Make it all legal and let consenting adults make adult freaking decisions.edit on 23/8/2012 by kyviecaldges because: (no reason given)
Originally posted by deadeyedick
The only thing ever found in his urine was something that the body produces naturally.
Originally posted by SLAYER69
Originally posted by deadeyedick
The only thing ever found in his urine was something that the body produces naturally.
It doesn't help the overwhelming baseless condemnation if you post facts. This is a witch hunt. No need to drag in variable evidence to the contrary to repute unfounded claims!
sheesh.....edit on 24-8-2012 by SLAYER69 because: (no reason given)
Originally posted by kyviecaldges
reply to post by deadeyedick
All the more reason to legalize performance enhancing drugs,
Originally posted by Wrabbit2000
reply to post by jiggerj
In the quest for 100%, total and absolute equality in every imaginable sense, your point about the natural testosterone makes sense.

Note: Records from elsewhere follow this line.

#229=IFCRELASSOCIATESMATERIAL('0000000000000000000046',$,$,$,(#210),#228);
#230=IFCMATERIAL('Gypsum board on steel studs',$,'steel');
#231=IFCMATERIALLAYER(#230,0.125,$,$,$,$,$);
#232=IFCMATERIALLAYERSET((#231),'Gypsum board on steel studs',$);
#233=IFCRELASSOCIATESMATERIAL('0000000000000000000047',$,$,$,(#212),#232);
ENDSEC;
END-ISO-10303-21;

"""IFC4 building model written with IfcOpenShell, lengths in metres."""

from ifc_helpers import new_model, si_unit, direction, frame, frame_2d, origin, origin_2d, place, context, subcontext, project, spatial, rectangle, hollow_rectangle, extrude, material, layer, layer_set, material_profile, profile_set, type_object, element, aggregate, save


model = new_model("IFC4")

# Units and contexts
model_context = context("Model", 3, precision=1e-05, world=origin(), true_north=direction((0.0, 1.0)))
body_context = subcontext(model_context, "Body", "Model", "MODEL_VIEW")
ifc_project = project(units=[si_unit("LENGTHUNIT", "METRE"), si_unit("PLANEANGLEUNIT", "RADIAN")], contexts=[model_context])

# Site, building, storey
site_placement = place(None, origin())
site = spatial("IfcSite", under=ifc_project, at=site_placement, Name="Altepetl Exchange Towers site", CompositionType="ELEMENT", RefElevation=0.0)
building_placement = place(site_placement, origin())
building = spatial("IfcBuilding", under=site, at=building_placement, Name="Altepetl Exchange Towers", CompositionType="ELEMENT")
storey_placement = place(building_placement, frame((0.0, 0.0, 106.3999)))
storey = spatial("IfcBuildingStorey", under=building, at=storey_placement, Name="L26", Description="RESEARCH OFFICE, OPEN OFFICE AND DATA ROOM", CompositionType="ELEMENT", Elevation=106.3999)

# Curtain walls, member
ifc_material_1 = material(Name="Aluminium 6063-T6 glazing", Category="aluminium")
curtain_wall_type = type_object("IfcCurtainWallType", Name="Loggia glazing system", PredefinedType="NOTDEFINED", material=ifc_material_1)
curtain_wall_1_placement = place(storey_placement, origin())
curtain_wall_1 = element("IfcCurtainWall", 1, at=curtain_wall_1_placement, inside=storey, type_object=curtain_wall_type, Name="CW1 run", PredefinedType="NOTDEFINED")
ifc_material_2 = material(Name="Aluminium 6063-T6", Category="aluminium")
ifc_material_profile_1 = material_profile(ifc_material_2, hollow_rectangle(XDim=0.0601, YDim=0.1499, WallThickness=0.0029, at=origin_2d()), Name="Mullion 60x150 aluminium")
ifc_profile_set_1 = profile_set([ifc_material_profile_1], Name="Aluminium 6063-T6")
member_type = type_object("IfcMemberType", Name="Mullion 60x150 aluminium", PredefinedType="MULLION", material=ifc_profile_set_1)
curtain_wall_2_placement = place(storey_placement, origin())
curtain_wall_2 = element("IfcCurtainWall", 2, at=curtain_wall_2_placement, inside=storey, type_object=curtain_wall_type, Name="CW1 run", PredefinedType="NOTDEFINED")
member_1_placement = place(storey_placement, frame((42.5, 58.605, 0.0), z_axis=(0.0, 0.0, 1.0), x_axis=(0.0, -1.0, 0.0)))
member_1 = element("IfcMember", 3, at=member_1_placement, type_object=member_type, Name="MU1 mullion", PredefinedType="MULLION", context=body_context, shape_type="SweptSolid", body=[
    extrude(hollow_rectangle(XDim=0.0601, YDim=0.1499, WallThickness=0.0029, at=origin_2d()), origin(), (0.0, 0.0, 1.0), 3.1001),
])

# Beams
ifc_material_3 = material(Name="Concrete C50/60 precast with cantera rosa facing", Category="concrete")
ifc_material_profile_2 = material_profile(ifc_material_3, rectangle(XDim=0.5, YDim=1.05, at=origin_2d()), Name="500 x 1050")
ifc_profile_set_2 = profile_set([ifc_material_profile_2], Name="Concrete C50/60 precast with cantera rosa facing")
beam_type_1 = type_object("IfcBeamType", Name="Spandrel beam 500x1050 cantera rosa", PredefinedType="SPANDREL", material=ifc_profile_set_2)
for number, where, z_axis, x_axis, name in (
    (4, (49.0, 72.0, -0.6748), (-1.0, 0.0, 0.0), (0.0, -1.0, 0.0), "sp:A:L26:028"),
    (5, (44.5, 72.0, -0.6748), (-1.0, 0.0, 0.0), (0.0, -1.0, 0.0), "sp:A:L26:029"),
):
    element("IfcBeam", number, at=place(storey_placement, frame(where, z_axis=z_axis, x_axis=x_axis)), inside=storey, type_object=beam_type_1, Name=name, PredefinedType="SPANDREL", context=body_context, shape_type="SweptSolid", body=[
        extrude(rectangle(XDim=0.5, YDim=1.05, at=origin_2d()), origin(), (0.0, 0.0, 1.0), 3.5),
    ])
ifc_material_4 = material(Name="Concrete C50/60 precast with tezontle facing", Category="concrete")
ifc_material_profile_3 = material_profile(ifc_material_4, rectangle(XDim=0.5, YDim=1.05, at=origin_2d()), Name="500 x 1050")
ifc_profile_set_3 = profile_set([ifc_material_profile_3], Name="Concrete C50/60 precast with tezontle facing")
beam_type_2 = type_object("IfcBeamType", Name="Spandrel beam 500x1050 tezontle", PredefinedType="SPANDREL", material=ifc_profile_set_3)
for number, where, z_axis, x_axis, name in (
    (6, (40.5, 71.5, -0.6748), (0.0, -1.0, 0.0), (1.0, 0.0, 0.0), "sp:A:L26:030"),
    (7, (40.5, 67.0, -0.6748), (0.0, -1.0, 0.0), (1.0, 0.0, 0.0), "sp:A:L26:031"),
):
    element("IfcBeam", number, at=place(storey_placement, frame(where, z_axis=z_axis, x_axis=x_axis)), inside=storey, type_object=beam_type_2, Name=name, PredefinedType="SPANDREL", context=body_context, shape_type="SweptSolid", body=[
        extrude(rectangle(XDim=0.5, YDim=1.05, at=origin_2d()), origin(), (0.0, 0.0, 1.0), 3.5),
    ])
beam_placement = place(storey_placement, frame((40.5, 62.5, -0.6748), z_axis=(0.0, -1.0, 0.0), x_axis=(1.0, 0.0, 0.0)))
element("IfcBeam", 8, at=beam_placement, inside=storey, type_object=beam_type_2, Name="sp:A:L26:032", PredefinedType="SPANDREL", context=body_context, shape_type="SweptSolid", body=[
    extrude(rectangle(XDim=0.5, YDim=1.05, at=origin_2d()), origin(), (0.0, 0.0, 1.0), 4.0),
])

Where would that end though and why go there is my point of curiosity? How many traits make up each person which can be looked at, picked apart and determined to be "A Factor" in fair play? It just seems to me that by the time that played out to it's logical conclusions, we'd end up with a society so medically and genetically segregated in sports and elsewhere...we'd wonder what ever happened?
Seems to me none of this mattered before they were able to see how bodies worked and surely people had imbalances like this before now.....life went on and sports seemed to have worked out. lol.. Drugs/doping aside, it seems our medical genius can create a world of nightmares as easily as miracles if not kept in check.